Negli ultimi giorni abbiamo sentito il caso di Lavagna, il giovane suicida a seguito di un’indagine per spaccio nei suoi confronti. Ora al di là della discutibilità o meno del fatto giudiziario in sé e del rapporto madre-figlio, sono cariche di rancore oltre che di saccenza le accuse che si fanno alla madre sul web. Questa cosa va in nome di un laissez-faire poco raccomandabile sulla questione droghe, stile di vita e consumo dei social-network. Ricordiamo che in Italia la definizione radical-chic venne attraverso una lettera di Montanelli a Camilla Cederna, che con i suoi presunti modi “pro-libertà di pensiero” sottovalutava il nascente terrorismo ideologico.

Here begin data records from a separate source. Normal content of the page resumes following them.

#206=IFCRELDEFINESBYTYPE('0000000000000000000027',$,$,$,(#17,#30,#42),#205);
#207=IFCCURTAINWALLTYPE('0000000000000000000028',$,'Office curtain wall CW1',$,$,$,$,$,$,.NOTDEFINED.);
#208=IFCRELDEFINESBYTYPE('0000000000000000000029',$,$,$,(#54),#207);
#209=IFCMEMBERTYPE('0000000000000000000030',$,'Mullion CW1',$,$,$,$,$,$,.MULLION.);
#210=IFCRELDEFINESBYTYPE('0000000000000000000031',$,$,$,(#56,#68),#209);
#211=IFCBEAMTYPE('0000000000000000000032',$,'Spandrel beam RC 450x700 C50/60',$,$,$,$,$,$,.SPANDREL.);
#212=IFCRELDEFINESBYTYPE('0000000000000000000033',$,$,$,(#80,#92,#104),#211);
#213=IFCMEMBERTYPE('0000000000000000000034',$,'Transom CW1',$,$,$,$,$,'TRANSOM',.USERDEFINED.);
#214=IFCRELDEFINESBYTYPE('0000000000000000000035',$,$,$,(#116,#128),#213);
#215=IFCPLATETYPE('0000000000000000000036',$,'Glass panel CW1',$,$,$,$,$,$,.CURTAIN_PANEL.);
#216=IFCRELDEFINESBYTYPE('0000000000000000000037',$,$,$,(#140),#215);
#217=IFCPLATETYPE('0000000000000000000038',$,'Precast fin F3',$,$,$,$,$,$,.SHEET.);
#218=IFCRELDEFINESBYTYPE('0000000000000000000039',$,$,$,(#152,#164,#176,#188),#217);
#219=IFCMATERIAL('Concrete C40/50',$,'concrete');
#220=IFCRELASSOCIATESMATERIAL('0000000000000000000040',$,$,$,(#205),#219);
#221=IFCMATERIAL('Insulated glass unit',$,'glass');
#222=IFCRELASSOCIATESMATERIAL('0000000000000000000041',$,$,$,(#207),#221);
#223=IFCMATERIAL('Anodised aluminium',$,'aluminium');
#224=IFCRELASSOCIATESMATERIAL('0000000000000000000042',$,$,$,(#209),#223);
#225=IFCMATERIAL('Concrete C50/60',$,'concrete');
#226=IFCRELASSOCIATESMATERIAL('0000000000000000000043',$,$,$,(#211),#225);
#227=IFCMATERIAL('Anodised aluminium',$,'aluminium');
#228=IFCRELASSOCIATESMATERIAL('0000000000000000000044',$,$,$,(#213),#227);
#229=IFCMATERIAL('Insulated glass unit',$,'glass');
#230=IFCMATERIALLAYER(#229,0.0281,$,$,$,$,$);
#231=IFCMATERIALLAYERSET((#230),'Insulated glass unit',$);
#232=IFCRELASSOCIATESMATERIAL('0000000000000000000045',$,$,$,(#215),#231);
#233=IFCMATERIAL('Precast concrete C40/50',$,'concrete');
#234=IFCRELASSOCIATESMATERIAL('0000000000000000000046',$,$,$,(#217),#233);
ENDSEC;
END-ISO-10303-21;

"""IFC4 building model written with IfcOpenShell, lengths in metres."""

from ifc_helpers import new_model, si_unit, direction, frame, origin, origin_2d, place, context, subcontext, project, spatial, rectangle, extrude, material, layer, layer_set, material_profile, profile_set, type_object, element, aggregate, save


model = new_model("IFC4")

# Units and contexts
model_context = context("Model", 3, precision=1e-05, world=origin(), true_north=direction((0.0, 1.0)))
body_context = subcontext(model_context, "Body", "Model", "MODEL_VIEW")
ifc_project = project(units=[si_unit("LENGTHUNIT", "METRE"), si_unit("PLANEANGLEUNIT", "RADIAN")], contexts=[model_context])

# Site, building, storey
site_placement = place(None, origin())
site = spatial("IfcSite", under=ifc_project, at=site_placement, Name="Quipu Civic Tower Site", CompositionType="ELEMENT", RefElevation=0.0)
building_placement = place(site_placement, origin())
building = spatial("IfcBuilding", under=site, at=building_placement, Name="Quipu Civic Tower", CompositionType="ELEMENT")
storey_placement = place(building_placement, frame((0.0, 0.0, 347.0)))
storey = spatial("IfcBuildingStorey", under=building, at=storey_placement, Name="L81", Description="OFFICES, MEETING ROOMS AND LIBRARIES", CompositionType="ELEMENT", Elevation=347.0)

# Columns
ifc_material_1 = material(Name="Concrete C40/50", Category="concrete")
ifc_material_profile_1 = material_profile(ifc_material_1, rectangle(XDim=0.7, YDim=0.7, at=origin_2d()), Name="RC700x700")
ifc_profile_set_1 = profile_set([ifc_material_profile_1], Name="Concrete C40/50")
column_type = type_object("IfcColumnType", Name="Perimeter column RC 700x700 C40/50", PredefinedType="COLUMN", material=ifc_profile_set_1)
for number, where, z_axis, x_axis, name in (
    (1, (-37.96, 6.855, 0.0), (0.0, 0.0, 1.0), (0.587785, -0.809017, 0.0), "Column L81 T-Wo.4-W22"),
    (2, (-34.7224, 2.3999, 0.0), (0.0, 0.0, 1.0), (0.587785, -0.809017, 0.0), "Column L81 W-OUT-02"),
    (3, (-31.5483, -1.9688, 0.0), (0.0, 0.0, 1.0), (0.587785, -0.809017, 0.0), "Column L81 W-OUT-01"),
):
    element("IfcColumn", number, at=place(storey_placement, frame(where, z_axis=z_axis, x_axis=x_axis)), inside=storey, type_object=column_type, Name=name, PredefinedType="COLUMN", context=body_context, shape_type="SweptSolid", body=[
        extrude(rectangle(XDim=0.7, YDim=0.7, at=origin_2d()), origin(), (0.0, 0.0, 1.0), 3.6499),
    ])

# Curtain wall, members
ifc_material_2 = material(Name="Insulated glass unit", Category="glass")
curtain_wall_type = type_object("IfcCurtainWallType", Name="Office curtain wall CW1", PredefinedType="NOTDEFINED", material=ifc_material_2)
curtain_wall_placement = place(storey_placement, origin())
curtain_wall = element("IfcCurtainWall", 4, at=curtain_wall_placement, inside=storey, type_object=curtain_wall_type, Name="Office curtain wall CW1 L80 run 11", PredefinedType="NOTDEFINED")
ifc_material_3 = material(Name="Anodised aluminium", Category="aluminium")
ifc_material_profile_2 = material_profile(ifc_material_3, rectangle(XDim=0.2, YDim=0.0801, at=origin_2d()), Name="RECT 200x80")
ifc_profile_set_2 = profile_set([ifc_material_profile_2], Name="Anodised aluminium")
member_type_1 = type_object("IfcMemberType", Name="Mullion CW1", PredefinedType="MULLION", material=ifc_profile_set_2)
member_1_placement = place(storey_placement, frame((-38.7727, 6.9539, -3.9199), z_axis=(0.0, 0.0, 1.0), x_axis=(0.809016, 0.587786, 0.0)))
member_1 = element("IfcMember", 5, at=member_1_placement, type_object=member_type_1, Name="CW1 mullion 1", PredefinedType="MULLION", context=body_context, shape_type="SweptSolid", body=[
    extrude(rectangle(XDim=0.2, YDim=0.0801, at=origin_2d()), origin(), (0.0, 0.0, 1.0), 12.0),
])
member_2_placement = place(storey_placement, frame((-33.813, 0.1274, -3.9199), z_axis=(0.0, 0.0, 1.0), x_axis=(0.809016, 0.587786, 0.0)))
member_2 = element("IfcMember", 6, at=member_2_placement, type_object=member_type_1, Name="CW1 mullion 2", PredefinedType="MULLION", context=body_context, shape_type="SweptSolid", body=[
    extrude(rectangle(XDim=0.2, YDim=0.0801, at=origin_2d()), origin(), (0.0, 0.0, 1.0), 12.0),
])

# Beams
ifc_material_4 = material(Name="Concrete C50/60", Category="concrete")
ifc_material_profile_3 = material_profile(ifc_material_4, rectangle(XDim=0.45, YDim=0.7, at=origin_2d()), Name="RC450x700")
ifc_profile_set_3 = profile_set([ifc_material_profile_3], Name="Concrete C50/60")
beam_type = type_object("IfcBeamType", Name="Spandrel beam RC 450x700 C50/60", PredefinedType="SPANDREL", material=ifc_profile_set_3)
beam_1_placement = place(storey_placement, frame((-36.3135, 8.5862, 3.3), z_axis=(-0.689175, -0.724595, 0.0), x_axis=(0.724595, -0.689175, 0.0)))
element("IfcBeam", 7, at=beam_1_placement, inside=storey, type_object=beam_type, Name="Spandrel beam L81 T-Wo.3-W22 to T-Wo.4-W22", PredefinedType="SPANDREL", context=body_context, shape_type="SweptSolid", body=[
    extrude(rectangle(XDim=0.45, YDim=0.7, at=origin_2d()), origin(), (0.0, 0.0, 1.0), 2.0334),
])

Allo stesso modo nei confronti della madre del giovane di Lavagna, senza sapere neanche come sono andati i fatti si grida al proibizionismo, alle negazioni delle libertà e altre belle parole tipiche dell’armamentario radical. In questo modo si sottovaluta il dato essenziale invocato dalla madre del ragazzo riguardo la perdita di dialogo umano sostituito dalle chat. A questo aggiungerei la perdita dell’assunzione di responsabilità giuste o sbagliate che siano, in questo caso il fumare e vendere cannabis. Il lasciare andare riguardo questi modi di fare, così come all’epoca avveniva col terrorismo, è tra l’altro sempre una strategia delle élite per soggiogare i popoli e controllarne le menti.